Sierra Leone votes for new leader
Sierra Leoneans crowded polling stations to vote today, saying they wanted to elect leaders who would bring prosperity to the poor, conflict-scarred West African state after a decade of recovery from civil war.
The presidential and parliamentary polls, the third held since the end of the 1991-2002 conflict, pit President Ernest Bai Koroma and his ruling All People's Congress (APC) against challenger Julius Maada Bio, a former junta leader who represents the Sierra Leone People's Party (SLPP).
Voters clutching plastic electoral cards jostled outside polling stations set up in schools and other public buildings in the steamy seaside capital Freetown and across the nation.
"I want to vote early and go back to my house. I want to go and sit down and listen to what is happening in the country," said Mariama Khellah, an unemployed 37-year old, as she waited outside St Luke's Primary School in western Freetown.
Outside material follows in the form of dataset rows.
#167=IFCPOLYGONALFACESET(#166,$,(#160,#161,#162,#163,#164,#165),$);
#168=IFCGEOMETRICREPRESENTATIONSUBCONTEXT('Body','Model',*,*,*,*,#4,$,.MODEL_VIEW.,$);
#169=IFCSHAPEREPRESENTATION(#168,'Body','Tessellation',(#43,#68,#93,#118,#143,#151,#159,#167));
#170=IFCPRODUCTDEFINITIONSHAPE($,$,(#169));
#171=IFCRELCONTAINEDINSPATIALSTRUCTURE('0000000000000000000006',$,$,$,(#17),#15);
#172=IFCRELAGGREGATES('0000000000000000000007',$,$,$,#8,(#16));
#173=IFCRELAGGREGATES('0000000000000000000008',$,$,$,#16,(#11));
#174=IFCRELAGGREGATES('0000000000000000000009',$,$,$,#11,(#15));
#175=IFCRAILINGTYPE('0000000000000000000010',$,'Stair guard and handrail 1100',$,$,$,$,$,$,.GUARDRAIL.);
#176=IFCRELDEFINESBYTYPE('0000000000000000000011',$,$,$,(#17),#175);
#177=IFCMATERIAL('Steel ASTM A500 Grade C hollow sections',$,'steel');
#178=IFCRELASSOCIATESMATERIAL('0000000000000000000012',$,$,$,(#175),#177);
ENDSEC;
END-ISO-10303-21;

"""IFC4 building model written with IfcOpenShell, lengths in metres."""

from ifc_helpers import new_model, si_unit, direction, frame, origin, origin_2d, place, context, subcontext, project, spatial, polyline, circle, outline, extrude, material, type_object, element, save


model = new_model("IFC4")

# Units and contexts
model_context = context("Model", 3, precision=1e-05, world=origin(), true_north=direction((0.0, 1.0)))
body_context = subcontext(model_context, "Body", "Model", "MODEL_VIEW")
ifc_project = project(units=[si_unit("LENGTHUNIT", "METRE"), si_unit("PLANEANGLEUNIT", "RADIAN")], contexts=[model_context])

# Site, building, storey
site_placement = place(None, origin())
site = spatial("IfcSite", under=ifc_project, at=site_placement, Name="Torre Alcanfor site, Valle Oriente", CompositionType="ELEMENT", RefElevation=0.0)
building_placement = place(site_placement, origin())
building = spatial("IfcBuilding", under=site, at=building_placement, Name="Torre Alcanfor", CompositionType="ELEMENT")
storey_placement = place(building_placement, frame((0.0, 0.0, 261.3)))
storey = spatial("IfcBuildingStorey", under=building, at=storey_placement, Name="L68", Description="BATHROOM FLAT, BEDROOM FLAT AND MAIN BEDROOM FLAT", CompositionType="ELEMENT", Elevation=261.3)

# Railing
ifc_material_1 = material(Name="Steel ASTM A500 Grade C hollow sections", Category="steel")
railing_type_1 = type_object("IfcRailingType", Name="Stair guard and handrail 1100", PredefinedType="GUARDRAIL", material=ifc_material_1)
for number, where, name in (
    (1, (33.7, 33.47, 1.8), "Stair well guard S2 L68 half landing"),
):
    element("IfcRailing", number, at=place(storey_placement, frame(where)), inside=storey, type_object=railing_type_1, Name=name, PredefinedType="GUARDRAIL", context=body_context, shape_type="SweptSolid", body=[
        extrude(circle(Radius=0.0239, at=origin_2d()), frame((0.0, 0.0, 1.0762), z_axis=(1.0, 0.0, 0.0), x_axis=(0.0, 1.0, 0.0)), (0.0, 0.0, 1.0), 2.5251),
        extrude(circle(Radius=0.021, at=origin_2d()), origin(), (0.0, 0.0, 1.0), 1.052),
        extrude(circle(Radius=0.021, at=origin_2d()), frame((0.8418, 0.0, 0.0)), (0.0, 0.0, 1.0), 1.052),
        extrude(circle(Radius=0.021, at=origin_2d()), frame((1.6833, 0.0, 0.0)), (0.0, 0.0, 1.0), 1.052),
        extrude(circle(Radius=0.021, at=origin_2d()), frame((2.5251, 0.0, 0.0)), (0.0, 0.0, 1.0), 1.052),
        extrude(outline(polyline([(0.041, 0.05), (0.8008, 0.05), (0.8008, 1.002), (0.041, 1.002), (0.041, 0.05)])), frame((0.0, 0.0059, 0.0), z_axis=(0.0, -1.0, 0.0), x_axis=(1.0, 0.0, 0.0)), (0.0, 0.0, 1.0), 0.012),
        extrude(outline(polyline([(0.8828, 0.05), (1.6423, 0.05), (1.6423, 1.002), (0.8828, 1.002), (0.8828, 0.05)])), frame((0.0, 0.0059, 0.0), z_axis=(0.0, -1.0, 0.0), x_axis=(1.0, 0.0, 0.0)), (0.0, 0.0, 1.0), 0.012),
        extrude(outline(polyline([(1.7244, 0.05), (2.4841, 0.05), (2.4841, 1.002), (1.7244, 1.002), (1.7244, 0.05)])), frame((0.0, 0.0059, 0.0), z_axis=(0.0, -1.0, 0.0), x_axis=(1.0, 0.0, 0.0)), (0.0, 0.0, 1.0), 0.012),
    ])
The elections are being held amid rising expectations foreign-run iron ore mining and oil developments can start lifting Sierra Leone's 5.5 million people out of poverty and help the country shed its image as a "blood diamonds" battleground for rebels and child soldiers.
The vote is expected to be close. Former insurance executive Koroma (59), who wrested the presidency from the SLPP in a hotly disputed 2007 vote, is considered the narrow favourite, above Bio, a 48-year-old retired army brigadier who was involved in two military takeovers in the turbulent 1990s.
To win outright, a candidate must gain 55 per cent of the vote and the race may well go to a second round.
"I think the whole world is looking at Sierra Leone at the moment," said Jens Anders Toyberg-Frandzen, the United Nations envoy to the country.
He called the vote "a turning point in manifesting that Sierra Leone has graduated from a post-conflict country to one that is now on the path to development."
The elections in the former British colony will be one of the most closely observed in Africa this year by monitors from the European Union, the Commonwealth and the African Union.
With rivalry between the APC and the SLPP running high, there are concerns a close result could ignite violence, although the election campaign saw only minor scuffles.
"Compared with our worst fears, it's been pretty good," said the EU's chief election observer, Richard Howitt.
At stake is the opportunity to oversee millions of dollars of investment in the aid-dependent country's resources that include gold and diamonds, oil and iron ore.